Но автору эпитетов не жалко, как вообще не жалко слов. В романе не упущена ни единая возможность внести уточняющий штрих в общую картину. Толстой виртуозно чередовал широкие мазки с мелкими, и именно мелкие — создают лицо романа, его уникальность, его принципиальную неповторимость. Конечно же, это не фреска, и если уж придерживаться сравнений из одного ряда, «Война и мир» — скорее мозаика, в которой каждый камушек и блестящ сам по себе, и включен в блеск целостной композиции.
Так, обилие красивых мужчин создает эффект войны как праздника — это впечатление присутствует в романе даже при описании самых кровавых схваток. Толстовское Бородино стилистически соотносится с возвышенным юбилейным стихотворением Лермонтова, которое Толстой называл «зерном» своего романа, и на это имеются прямые указания: «Кто, сняв кивер, старательно распускал и опять собирал сборки; кто сухой глиной, распорошив ее в ладонях, начищал штык…» Конечно, это лермонтовское «Бородино»: «Кто кивер чистил весь избитый, Кто штык точил, ворча сердито…»
Все эти красивые адъютанты, полковники и ротмистры в нарядных мундирах выходят воевать, как на парад где-нибудь на Царицыном Лугу. И потому, кстати, так разительно-чужеродно выглядит на поле битвы некрасивый Пьер.
Но впоследствии, когда Толстой разворачивает свои историко-философские отступления об ужасах войны, тот же самый штрих дает прямо противоположный эффект: война — это, может быть, и красиво, но война убивает красивых людей и тем уничтожает красоту мира. Так амбивалентно срабатывает выразительная деталь.
Толстовская мелкая деталь почти всегда выглядит убедительнее и красочнее его же подробного описания. Например, размышления Пьера Безухова о Платоне Каратаеве во многом сведены на нет промелькнувшим практически без пояснений замечанием об этом герое: «Часто он говорил совершенно противоположное тому, что он говорил прежде, но и то и другое было справедливо».

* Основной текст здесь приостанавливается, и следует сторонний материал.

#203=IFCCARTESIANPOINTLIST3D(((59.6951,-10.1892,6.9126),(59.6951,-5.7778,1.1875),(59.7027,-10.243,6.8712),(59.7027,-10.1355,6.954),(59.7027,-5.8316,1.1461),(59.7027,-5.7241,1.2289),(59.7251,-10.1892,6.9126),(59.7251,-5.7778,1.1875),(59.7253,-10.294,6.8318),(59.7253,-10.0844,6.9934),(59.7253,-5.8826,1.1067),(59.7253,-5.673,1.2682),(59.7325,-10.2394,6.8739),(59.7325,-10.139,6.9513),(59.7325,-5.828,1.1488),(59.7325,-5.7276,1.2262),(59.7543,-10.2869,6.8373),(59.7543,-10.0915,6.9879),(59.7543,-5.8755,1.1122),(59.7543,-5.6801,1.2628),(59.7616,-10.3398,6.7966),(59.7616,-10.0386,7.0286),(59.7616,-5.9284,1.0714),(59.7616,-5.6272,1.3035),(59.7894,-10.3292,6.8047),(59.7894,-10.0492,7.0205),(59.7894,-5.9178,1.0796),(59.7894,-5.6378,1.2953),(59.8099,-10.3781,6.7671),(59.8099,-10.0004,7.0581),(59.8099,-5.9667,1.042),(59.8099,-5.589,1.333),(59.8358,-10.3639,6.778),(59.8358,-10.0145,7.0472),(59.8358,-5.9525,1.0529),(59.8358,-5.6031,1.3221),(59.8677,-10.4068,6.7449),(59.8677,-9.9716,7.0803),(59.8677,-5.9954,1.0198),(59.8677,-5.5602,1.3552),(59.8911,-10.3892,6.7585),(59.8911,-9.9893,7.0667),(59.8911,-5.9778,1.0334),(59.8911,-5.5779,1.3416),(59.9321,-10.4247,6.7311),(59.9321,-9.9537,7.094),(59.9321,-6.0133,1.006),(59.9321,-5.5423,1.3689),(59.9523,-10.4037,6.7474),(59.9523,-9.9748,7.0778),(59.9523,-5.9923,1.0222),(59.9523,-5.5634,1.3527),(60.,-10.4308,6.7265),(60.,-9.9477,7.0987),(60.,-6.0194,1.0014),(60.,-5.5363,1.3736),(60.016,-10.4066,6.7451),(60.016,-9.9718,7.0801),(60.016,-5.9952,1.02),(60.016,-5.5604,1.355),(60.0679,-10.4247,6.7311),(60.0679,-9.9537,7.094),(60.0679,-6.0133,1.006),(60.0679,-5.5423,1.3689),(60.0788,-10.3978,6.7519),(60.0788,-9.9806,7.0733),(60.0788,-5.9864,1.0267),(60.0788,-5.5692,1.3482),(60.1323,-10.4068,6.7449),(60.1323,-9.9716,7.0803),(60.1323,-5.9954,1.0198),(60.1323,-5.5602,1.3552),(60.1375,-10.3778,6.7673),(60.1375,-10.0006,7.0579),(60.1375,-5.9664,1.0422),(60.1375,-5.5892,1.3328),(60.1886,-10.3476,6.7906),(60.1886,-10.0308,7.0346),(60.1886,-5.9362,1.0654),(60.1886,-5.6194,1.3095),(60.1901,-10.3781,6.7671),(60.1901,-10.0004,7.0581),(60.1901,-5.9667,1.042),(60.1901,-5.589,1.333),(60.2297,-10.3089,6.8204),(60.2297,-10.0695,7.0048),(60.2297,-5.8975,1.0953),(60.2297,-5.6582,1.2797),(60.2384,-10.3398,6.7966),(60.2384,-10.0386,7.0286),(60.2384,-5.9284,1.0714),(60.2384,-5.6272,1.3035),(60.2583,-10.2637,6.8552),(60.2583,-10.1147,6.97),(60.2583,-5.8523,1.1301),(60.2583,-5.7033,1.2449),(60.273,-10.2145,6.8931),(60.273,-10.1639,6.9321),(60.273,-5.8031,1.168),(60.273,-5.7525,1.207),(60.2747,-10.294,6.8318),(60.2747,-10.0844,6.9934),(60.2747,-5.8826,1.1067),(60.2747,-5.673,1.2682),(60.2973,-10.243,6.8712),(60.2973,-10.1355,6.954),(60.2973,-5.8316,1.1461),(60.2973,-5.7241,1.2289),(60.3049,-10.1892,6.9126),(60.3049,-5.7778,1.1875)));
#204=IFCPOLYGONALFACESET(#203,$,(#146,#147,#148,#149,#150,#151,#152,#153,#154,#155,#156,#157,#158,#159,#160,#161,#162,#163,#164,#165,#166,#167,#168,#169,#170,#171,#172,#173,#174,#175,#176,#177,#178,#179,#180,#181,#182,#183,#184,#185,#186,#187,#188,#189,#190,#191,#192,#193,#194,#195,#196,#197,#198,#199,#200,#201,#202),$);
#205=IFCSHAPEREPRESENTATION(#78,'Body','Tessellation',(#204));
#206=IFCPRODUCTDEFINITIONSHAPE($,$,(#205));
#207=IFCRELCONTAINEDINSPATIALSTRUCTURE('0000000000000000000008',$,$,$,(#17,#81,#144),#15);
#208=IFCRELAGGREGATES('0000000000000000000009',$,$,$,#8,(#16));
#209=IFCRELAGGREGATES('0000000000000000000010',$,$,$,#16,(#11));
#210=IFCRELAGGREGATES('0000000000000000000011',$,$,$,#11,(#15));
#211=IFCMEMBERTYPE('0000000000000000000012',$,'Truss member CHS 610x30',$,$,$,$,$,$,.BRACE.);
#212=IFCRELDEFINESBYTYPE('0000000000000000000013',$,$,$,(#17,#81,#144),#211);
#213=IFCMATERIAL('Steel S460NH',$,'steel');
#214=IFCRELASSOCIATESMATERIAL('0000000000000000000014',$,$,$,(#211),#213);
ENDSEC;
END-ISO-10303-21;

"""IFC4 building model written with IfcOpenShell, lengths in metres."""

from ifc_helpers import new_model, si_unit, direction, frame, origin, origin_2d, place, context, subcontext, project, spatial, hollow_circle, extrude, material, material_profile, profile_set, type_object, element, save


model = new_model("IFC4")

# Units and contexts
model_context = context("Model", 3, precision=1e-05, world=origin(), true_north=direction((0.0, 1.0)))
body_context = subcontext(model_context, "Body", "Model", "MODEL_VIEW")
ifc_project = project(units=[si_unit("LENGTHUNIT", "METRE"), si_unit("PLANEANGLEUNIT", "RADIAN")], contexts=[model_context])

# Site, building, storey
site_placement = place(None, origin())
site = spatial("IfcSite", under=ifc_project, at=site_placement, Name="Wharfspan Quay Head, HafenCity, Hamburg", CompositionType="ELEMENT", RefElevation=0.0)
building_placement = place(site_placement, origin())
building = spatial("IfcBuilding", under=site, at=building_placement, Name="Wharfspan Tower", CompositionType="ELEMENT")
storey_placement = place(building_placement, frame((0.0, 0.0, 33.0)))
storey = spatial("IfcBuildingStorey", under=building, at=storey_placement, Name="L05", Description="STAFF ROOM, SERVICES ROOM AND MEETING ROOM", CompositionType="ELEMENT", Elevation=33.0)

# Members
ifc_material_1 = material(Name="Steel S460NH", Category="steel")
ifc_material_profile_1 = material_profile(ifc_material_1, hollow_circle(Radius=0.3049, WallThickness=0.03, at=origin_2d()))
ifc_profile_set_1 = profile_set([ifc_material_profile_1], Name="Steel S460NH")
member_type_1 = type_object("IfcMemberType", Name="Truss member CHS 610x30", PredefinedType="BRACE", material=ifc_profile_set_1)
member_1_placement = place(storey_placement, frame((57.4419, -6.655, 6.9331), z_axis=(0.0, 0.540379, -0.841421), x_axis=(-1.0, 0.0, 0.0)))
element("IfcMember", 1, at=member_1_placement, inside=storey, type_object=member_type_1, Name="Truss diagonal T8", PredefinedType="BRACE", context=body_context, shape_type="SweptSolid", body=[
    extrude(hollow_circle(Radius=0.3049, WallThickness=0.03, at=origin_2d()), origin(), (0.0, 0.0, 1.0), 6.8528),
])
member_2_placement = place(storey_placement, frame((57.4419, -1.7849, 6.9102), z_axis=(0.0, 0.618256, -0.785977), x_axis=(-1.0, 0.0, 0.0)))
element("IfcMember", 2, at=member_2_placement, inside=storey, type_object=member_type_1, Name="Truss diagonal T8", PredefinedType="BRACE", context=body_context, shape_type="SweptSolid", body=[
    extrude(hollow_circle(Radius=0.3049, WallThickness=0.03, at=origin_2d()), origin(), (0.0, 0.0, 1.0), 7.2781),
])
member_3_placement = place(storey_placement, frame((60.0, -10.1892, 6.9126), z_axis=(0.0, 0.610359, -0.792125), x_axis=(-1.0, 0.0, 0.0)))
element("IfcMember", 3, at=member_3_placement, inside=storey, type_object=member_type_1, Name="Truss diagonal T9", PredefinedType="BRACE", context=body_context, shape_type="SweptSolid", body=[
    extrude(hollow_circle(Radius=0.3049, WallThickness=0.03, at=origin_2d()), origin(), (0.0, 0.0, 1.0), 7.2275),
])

Именно эта необязательность присутствия смысла, которое в виде прямого следствия оборачивается как раз присутствием смысла во всем — и приводит потом Пьера к умозаключению, что в Каратаеве Бог более велик, чем в сложных построениях масонов.
Божественная бессмыслица — важнейший элемент книги. Она возникает в виде небольших эпизодов и реплик, без которых можно было бы, кажется, вполне обойтись в историческом романе, — но бессмыслица неизменно появляется и, что весьма существенно, как правило, в моменты сильнейшего драматического напряжения.

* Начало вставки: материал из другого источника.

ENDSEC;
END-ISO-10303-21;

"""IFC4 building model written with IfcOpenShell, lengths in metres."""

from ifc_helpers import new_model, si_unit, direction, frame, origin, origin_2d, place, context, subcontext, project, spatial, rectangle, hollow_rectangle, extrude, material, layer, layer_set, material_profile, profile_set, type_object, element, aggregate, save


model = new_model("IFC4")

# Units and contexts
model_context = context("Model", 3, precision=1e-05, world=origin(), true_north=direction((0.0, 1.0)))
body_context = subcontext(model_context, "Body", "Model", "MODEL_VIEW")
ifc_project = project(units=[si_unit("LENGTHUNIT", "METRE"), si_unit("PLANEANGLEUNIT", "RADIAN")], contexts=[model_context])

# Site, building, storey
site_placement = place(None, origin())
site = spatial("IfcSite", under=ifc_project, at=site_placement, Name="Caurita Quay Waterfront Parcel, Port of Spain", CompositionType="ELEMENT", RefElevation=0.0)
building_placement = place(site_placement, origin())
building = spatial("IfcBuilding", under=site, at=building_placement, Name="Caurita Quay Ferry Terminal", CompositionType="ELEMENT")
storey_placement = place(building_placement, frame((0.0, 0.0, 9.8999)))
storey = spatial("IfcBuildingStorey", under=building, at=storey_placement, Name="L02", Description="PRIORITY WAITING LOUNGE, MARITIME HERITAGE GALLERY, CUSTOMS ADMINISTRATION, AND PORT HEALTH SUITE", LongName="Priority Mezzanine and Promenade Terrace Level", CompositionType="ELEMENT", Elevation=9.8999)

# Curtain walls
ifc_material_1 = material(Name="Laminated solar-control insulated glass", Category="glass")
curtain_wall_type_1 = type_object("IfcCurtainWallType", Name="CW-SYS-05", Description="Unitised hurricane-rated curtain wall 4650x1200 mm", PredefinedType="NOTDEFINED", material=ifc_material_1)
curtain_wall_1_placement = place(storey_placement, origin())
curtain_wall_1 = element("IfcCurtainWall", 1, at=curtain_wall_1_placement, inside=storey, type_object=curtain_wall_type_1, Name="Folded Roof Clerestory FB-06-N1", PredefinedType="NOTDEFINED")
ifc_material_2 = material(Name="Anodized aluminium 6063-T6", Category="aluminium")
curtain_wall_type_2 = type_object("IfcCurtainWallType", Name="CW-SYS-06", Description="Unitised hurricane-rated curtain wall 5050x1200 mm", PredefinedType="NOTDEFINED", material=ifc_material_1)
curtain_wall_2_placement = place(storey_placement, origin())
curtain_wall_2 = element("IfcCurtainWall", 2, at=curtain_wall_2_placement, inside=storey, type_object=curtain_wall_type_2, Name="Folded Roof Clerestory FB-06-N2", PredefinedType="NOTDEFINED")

Пьер произносит заведомую даже для самого себя (но не для автора!) чушь, указывая во время пожара Москвы на чужую девочку и патетично заявляя французам, что это его дочь, спасенная им из огня.
Кутузов обещает Растопчину не отдавать Москвы, хотя оба знают, что Москва уже отдана.
В период острейшей тоски по князю Андрею Наташа ошарашивает гувернанток: «Остров Мадагаскар, — проговорила она. — Ма-да-гас-кар, — повторила она отчетливо каждый слог и, не отвечая на вопросы… вышла из комнаты».
Не из этого ли Мадагаскара, никак не связанного с предыдущим разговором и возникшего буквально ниоткуда, вышла знаменитая чеховская Африка, в которой страшная жара? Но сам Мадагаскар знаменитым не стал, не запомнился — конечно же, из-за установки на прочтение эпоса, который желали увидеть в «Войне и мире» поколения русских читателей. Между тем, Толстой сумел не просто воспроизвести нормальную — то есть несвязную и нелогичную — человеческую речь, но и представить обессмысленными трагические и судьбоносные события, как в эпизодах с Пьером и Кутузовым.
Это — прямой результат мировоззрения Толстого-мыслителя и мастерства Толстого-художника. Едва ли не основной философской линией романа проходит тема бесконечного множества источников, поводов и причин происходящих на земле явлений и событий, принципиальная неспособность человека охватить и осознать это множество, его беспомощность и жалкость перед лицом хаоса жизни. Эту свою любимую мысль автор повторяет настойчиво, порой даже назойливо, варьируя ситуации и обстоятельства.
Непостижим человеческий организм и непостижима болезнь, ибо страдания — суть совокупность множества страданий. Непредсказуемы сражения и войны, потому что слишком много разнонаправленных сил влияют на их исход, и «иногда кажется, что спасение заключается в бегстве назад, иногда в бегстве вперед». Непознаваемы перипетии политической и социальной деятельности человека и всего человечества, так как жизнь не подлежит однозначному управлению разумом.